In general, more housing transactions happen in spring and summer than in fall and winter. If you’re searching during the warmer months, there’s likely to be more inventory available than in the colder months.
Home prices follow a similar pattern, rising during the seasonal peak and declining when the housing market slows down. So, you may have better luck finding a deal if you’re touring homes during the fall and winter.
However, the right time to buy isn’t necessarily when the most properties are available or when prices are low. It could be any time of the year when you’re in a good financial situation to purchase a home. It’s important to consider your own circumstances — such as job opportunities, the impact of moving on your family, and the end date of your rental agreement — when determining the best time to buy a home.
You should also think about other factors that affect home prices and inventory.
Also, the state of the economy can influence the housing market. Recessions typically slow down the market and cause prices to fall. If you’re lucky enough to have stable finances during a recession, it may be an opportunity to purchase a home on the cheap.
How Do Seasons Influence Homebuying?
While the seasons have some influence over the real estate market, the precise impact of seasonality depends on the location and climate. Still, different seasons can affect the number of properties on the market, how many people are competing to buy a home, and prices.
Availability of housing options
In general, the number of homes available for purchase on the market increases during the spring and peaks in the summer.
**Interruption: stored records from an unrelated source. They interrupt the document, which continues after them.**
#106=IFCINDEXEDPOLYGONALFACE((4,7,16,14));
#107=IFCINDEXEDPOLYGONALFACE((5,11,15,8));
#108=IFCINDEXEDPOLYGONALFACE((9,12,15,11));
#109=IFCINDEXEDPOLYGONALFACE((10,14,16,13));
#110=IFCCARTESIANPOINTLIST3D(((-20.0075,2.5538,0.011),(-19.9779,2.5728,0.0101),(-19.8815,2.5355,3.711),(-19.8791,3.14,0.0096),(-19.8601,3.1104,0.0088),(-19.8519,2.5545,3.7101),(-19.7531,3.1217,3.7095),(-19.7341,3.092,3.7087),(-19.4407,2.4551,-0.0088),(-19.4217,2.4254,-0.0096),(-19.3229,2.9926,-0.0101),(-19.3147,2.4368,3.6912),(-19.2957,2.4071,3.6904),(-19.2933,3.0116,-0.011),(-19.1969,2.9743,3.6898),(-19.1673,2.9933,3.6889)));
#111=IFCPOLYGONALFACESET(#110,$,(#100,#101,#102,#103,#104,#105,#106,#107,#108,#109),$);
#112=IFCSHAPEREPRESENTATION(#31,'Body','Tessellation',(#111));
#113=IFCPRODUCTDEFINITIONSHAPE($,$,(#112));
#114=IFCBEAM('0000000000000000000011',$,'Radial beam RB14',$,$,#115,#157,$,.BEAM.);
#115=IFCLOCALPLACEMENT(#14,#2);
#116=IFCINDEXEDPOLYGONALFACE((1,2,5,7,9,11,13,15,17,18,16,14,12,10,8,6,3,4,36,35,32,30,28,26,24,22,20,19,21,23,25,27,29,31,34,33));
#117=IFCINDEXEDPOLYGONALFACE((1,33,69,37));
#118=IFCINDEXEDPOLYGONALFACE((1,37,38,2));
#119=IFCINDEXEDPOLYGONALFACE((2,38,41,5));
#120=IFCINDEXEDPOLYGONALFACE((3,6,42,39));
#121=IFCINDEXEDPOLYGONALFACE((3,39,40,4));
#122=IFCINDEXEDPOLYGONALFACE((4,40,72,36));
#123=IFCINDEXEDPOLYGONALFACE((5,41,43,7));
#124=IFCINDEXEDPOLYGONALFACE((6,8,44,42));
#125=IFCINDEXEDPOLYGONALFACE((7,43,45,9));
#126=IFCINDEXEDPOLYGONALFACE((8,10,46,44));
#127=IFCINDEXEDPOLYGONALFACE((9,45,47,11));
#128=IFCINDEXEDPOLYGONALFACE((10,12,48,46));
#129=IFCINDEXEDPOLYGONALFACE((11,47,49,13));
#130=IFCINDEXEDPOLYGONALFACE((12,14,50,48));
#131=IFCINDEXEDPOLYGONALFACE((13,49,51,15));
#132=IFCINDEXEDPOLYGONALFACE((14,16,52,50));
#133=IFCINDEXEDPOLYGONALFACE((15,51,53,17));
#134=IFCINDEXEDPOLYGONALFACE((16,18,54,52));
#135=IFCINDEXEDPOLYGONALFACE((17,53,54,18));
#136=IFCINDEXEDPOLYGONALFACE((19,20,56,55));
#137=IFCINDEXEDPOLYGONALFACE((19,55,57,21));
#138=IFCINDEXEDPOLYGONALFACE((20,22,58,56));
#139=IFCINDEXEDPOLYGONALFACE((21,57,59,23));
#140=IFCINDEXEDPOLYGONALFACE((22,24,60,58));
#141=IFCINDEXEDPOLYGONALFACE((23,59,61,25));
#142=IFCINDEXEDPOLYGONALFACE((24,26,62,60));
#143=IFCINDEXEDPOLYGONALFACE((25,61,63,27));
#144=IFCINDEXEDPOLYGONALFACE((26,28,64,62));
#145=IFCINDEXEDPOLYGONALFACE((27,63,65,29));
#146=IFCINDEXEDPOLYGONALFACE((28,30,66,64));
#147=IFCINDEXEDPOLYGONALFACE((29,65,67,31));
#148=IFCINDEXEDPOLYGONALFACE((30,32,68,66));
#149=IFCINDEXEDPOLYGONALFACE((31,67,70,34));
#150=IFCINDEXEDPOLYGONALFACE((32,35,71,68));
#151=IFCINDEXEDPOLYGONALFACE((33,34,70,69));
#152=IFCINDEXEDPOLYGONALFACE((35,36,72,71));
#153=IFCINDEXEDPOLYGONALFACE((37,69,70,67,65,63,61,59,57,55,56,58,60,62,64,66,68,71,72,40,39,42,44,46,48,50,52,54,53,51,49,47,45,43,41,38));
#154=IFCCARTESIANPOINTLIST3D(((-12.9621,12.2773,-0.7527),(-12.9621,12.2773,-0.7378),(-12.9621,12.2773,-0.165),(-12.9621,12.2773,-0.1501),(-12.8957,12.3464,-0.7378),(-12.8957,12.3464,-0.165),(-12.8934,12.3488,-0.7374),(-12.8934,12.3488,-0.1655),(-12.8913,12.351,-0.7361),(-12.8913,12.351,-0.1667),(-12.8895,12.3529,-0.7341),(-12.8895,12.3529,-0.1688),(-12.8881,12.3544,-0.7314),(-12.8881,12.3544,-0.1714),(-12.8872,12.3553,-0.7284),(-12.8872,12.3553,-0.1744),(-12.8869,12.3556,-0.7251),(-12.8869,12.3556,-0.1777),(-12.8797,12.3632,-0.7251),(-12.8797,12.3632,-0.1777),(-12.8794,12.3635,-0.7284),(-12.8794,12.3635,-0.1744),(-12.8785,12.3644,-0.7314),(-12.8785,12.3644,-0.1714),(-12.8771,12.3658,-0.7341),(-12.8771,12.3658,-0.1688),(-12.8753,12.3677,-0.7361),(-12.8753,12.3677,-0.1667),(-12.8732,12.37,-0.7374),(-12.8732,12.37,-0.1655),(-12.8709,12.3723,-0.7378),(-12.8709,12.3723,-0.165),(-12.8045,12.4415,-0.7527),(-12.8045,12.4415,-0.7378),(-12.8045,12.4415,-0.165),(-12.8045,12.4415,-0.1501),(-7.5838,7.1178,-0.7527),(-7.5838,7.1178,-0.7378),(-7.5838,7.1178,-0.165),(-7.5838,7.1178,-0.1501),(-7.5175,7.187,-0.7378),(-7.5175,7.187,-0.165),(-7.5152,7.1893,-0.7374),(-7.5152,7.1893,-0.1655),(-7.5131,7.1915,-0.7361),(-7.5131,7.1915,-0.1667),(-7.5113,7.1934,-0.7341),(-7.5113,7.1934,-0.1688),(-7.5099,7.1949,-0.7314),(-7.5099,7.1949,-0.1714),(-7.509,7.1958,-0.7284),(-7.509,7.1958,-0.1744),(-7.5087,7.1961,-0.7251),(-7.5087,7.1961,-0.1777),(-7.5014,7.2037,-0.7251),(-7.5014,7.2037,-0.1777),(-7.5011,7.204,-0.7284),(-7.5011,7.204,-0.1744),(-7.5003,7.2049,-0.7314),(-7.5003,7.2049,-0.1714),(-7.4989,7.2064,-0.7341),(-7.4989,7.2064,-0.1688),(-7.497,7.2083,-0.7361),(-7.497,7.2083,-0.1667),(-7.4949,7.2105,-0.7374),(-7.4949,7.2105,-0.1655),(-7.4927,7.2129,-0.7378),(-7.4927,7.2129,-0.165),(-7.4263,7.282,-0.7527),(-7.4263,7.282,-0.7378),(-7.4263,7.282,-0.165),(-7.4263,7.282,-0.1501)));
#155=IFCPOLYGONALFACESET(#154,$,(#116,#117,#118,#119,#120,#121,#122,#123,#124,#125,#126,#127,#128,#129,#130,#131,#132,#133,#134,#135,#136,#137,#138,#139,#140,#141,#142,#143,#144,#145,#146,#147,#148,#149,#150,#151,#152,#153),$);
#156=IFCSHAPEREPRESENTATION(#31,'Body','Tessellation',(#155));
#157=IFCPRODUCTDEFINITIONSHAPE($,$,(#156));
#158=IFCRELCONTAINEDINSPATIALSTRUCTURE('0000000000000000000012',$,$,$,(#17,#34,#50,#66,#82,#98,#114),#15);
As homebuyers move into fall and winter, the housing market slows down and inventory decreases.
There are a number of reasons for this seasonal pattern, including the weather, school year, and holidays. It’s typically easier to view homes and move when the weather is milder. Families with children also tend to relocate during the summer, which helps minimize the disruption to the school year. And for many people, it’s not ideal to move during the holidays in wintertime.
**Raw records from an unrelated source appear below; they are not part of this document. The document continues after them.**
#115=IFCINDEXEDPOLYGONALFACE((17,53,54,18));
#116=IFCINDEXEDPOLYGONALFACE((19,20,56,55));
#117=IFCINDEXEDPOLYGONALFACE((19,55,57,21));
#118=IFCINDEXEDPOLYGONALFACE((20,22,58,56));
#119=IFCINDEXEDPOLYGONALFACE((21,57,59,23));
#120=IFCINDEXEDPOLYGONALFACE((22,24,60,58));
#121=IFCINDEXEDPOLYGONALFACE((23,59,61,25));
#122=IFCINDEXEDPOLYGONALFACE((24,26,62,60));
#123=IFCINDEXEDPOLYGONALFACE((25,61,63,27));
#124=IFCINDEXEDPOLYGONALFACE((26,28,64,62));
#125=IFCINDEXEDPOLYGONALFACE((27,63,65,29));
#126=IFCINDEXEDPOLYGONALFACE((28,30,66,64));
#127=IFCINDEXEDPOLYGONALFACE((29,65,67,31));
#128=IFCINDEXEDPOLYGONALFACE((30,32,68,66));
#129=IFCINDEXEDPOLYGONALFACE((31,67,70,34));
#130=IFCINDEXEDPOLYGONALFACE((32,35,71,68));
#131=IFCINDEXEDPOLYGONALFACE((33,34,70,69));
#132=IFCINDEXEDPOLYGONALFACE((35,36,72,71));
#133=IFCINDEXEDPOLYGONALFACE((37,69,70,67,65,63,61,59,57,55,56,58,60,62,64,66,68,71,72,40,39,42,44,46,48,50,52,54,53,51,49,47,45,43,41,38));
This doesn’t mean you won’t be able to find a great home during the slower seasons. However, you’ll likely have fewer options to pick from.
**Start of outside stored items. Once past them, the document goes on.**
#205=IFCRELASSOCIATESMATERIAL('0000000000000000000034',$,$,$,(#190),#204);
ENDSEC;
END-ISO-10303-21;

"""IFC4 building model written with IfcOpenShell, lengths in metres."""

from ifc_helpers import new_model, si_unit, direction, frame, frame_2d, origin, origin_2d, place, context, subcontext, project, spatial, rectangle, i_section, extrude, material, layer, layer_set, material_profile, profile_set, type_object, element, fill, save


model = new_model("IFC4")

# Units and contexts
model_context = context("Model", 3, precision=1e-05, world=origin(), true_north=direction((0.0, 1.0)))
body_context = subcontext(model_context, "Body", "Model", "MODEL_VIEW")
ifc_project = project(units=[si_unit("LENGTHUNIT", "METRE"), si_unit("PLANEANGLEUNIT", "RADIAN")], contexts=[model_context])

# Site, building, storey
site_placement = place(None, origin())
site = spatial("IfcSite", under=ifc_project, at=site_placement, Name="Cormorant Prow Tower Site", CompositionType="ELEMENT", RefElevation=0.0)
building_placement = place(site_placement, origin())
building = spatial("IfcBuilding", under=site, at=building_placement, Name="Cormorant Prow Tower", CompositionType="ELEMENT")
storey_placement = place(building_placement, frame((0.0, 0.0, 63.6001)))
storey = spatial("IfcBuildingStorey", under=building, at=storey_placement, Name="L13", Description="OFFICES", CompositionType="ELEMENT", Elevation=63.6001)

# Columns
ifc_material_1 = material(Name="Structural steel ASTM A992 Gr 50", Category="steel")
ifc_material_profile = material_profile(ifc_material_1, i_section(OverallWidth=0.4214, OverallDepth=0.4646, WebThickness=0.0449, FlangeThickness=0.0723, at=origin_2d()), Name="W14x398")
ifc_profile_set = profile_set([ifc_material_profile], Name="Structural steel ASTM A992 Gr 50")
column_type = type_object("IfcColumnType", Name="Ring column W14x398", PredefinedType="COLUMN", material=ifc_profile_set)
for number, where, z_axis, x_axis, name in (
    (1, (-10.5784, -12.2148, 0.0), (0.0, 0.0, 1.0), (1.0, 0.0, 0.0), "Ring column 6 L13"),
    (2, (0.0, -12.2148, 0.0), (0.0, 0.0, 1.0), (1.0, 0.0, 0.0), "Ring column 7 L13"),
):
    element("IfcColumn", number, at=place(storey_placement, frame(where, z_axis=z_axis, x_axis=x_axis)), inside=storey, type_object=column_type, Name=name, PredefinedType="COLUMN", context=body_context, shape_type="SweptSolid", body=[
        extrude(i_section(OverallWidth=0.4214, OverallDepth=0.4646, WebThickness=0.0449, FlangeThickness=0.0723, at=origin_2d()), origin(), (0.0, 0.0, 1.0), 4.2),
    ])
Seasonal price fluctuations
Typically, prices are highest during the spring and summer housing season.
“Many buyers believe that spring is the best season to buy a property because of the warm weather and the fact that school will soon be out for summer break,” says Erik Wright, owner of New Horizon Home Buyers, a real estate company based in Chattanooga, Tennessee. “However, it turns out that many homeowners are listing their homes at the same time, and are likely pricing them as high as possible given the competitive nature of the real estate market at this time of year.”
If your question is what time of year is real estate cheapest, the answer is fall or winter, according to Robert Scott, founder of Sell Land, a St. Louis-based real estate buyer.
“If you prioritize getting the lowest prices, then I recommend that you shop for a house during the winter months, especially after Christmas until early January,” Scott says. “This time of the year presents the least amount of buyers so sellers are more likely to accept lower offers.”
What Is the Best Month To Buy a House?
The best months to buy a house depend on your goals.
Home sales usually peak in June, so it’s a good time to buy a house if you want to choose from plenty of options on the market. However, this time of year is also very competitive, with sellers earning a 10.7% premium above market value in June.
If your goal is getting a good deal, then January tends to offer the lowest sale prices. You may encounter lower inventory and inclement weather, among other inconveniences, but you could end up saving money on a home.
Other Seasonal Costs To Consider
The seasons can affect the other costs of purchasing a new home.
You might want to take on some home improvement projects, especially if you buy a fixer-upper. One example is replacing or adding heating, ventilating, and air conditioning systems. HVAC professionals are generally busiest during summer and winter, which means you could pay higher prices and experience longer wait times if you hire a contractor when demand peaks.
Also consider purchases like outdoor equipment. For example, buying later in the year — during the fall — allows you to take advantage of sales on garden products and other items such as grills and patio furniture.
It’s important to factor in these additional considerations when you buy a home, and how the time of year may influence the costs.
The Bottom Line: When Is the Best Time To Buy a House?
The housing market can be very seasonal. In general, inventory and prices are highest in the spring and summer, and both decline in the fall and winter. Precise trends can vary depending on where you live, but knowing those trends allows you to use the information to your advantage, whether you want to view as many homes as possible or try to score the best deal.